State v. Dorton

Annotate this Case

696 P.2d 1218 (1985)

The STATE of Utah, Plaintiff and Respondent, v. Harvey W. DORTON, Defendant and Appellant.

No. 19282.

Supreme Court of Utah.

February 14, 1985.

Nancy Bergeson, Salt Lake City, for defendant and appellant.

David L. Wilkinson, Atty. Gen., Earl F. Dorius, Roger S. Blaylock, Ted Cannon, Asst. Attys. Gen., Salt Lake City, for plaintiff and respondent.

PER CURIAM:

This is an appeal from a jury conviction for jumping bail[1] in the course of appellant's previous trial for five other felonies. His bail bondsman had him returned from Houston, Texas, about five months after his prior conviction.

Appellant claims error in the summation to the jury when the prosecutor spoke to the bondsman's confrontation with appellant in Houston. Appellant argues that his right to remain silent[2] was violated when the prosecutor stated as follows:

When [appellant] was arrested he gave no explanation as to what he was doing there, at least that is what [his bondsman] told us, and there is no evidence *1219 here today that suggests that he had any legal justification for leaving.

The statement appears to have been little more than a paraphrasing of the information that was filed or the advice given by the trial judge to the jury as to what the charge was against appellant. Jumping bail entails a concealment of whereabouts or an evasion or failure to explain one's absence. Referring to silence and therefore implying failure to explain is simply a comment on one of the elements necessary to prove absence without good cause or an explanation to justify it. In any event, appellant did not attack the evidence and did not assign insufficiency of the evidence as error. Under the generally accepted rule, any error such as that claimed by appellant here is harmless.[3]

There is nothing to indicate that appellant was coerced or pressured to explain anything or that he claimed refuge by demanding a Miranda warning. The confrontation by the bondsman was that of a citizen under a legal contract to assure the presence of his promisor in court at the time and place required. The cases cited by appellant, principally Doyle v. Ohio, 426 U.S. 610, 96 S. Ct. 2240, 49 L. Ed. 2d 91 (1976), are factually quite different. Those cases stand for the proposition that a public peace officer is charged with the duty to arrest and the duty to administer the Miranda warning. In this case, the bondsman had no such duty. The comment as to appellant's silence in the presence of the bondsman has no comparable connotation as it did in the cases cited, particularly because of the material, believable evidence pointing to guilt.

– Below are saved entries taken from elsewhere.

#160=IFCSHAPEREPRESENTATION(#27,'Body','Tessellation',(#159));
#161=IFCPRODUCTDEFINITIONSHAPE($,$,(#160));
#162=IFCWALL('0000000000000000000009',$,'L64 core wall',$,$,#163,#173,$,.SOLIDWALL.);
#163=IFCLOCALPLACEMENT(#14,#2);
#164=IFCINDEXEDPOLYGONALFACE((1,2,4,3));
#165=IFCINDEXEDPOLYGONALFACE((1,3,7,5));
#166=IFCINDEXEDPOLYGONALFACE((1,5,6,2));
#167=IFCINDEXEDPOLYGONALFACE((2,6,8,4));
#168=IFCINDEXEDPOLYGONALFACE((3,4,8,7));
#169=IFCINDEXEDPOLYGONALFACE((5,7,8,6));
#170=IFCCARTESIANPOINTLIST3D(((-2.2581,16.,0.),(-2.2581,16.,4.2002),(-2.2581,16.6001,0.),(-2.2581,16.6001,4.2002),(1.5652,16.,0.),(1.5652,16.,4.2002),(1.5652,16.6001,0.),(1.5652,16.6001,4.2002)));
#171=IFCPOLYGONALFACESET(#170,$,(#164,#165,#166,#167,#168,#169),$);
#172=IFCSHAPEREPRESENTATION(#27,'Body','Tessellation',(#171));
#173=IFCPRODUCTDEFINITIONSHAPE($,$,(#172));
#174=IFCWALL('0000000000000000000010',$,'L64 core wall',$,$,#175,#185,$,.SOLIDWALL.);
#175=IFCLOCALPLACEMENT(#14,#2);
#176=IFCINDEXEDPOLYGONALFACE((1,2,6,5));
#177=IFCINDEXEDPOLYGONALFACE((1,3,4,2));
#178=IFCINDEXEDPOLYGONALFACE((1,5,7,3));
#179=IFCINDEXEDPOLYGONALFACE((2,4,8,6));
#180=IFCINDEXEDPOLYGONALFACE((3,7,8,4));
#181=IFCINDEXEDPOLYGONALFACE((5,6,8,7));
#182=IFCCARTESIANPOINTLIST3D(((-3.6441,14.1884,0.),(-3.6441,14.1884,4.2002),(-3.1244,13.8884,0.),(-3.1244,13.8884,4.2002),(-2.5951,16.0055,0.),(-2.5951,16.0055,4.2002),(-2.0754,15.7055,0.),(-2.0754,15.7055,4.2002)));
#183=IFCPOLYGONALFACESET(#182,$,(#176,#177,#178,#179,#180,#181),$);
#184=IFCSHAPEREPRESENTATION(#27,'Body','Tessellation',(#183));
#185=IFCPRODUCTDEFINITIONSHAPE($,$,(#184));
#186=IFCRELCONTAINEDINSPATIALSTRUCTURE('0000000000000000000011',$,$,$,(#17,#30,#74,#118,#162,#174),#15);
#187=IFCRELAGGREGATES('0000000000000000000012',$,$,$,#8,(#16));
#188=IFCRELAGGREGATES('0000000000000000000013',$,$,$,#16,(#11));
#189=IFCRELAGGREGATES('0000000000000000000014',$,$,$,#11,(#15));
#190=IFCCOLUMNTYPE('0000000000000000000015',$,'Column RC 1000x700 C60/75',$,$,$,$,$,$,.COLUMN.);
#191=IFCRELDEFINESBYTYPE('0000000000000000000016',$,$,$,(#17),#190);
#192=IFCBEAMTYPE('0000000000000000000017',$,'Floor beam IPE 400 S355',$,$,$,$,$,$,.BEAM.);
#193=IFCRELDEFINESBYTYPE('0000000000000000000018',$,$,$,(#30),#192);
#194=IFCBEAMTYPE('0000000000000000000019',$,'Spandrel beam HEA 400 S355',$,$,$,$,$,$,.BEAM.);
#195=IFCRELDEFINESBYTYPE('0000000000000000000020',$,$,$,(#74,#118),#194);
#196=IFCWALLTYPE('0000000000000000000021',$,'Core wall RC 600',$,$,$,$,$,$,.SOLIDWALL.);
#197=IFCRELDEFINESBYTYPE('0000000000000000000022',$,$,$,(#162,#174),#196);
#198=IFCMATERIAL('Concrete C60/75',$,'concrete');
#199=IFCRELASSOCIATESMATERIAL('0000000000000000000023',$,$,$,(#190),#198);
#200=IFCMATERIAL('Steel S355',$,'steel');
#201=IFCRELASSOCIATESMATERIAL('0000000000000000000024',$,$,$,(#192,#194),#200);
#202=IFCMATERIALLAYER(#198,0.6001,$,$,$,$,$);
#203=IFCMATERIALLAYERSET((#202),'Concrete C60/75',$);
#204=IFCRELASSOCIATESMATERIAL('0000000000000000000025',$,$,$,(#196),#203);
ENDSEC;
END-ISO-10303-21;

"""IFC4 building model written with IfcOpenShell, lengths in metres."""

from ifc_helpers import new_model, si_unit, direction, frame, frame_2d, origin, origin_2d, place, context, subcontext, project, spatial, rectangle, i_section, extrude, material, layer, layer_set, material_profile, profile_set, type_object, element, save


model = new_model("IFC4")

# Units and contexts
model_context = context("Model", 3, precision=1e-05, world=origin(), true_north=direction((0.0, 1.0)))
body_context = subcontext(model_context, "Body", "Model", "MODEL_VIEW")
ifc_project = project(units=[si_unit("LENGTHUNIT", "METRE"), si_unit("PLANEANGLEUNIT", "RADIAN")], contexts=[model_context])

We find no reversible error in the record. The verdict and sentence of the lower court are affirmed.

HOWE, Justice (concurring in the result):

I concur in the result, but not in the reasoning employed in the opinion of the Court. I place my concurrence on the ground that the prosecutor's comment was error, but I do not find it to have been prejudicial. The trial court promptly admonished the jury to disregard the comment, and he called their attention to his instruction to them that they should draw no adverse inference from the defendant's failure to testify.

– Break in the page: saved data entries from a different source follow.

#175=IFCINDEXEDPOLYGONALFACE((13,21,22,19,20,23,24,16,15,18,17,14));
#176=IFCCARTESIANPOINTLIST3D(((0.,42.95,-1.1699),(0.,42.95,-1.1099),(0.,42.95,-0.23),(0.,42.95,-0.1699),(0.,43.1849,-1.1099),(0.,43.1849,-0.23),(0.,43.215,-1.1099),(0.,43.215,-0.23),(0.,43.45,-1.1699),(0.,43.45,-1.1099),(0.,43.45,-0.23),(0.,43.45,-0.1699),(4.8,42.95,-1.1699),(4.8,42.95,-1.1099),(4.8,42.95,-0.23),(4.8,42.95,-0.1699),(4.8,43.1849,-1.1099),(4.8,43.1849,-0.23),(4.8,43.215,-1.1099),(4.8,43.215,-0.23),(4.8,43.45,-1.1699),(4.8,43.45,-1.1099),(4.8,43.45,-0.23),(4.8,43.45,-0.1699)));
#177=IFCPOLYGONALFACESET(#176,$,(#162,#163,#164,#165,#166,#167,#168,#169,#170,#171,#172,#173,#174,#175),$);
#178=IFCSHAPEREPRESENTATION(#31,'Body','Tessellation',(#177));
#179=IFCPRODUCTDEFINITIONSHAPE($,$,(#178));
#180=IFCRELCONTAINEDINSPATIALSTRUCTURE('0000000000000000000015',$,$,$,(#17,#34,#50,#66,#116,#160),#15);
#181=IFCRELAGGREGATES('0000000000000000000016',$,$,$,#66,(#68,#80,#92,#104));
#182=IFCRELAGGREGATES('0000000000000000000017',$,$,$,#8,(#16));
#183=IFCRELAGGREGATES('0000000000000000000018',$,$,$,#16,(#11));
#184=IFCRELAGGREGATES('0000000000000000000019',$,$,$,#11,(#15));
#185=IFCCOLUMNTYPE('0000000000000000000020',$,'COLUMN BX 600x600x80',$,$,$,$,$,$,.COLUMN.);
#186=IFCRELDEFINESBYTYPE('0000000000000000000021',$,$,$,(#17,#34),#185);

As to other matters discussed in the per curiam opinion, I express no opinion since I deem it unnecessary to do so.

DURHAM, J., concurs in the concurring opinion of HOWE, J.

NOTES

[1] U.C.A., 1953, ยง 76-8-312.

[2] Under the fifth and fourteenth amendments to the United States Constitution.

[3] The latest of our pronouncements appears in State v. Fisher, Utah, 680 P.2d 35 (1984).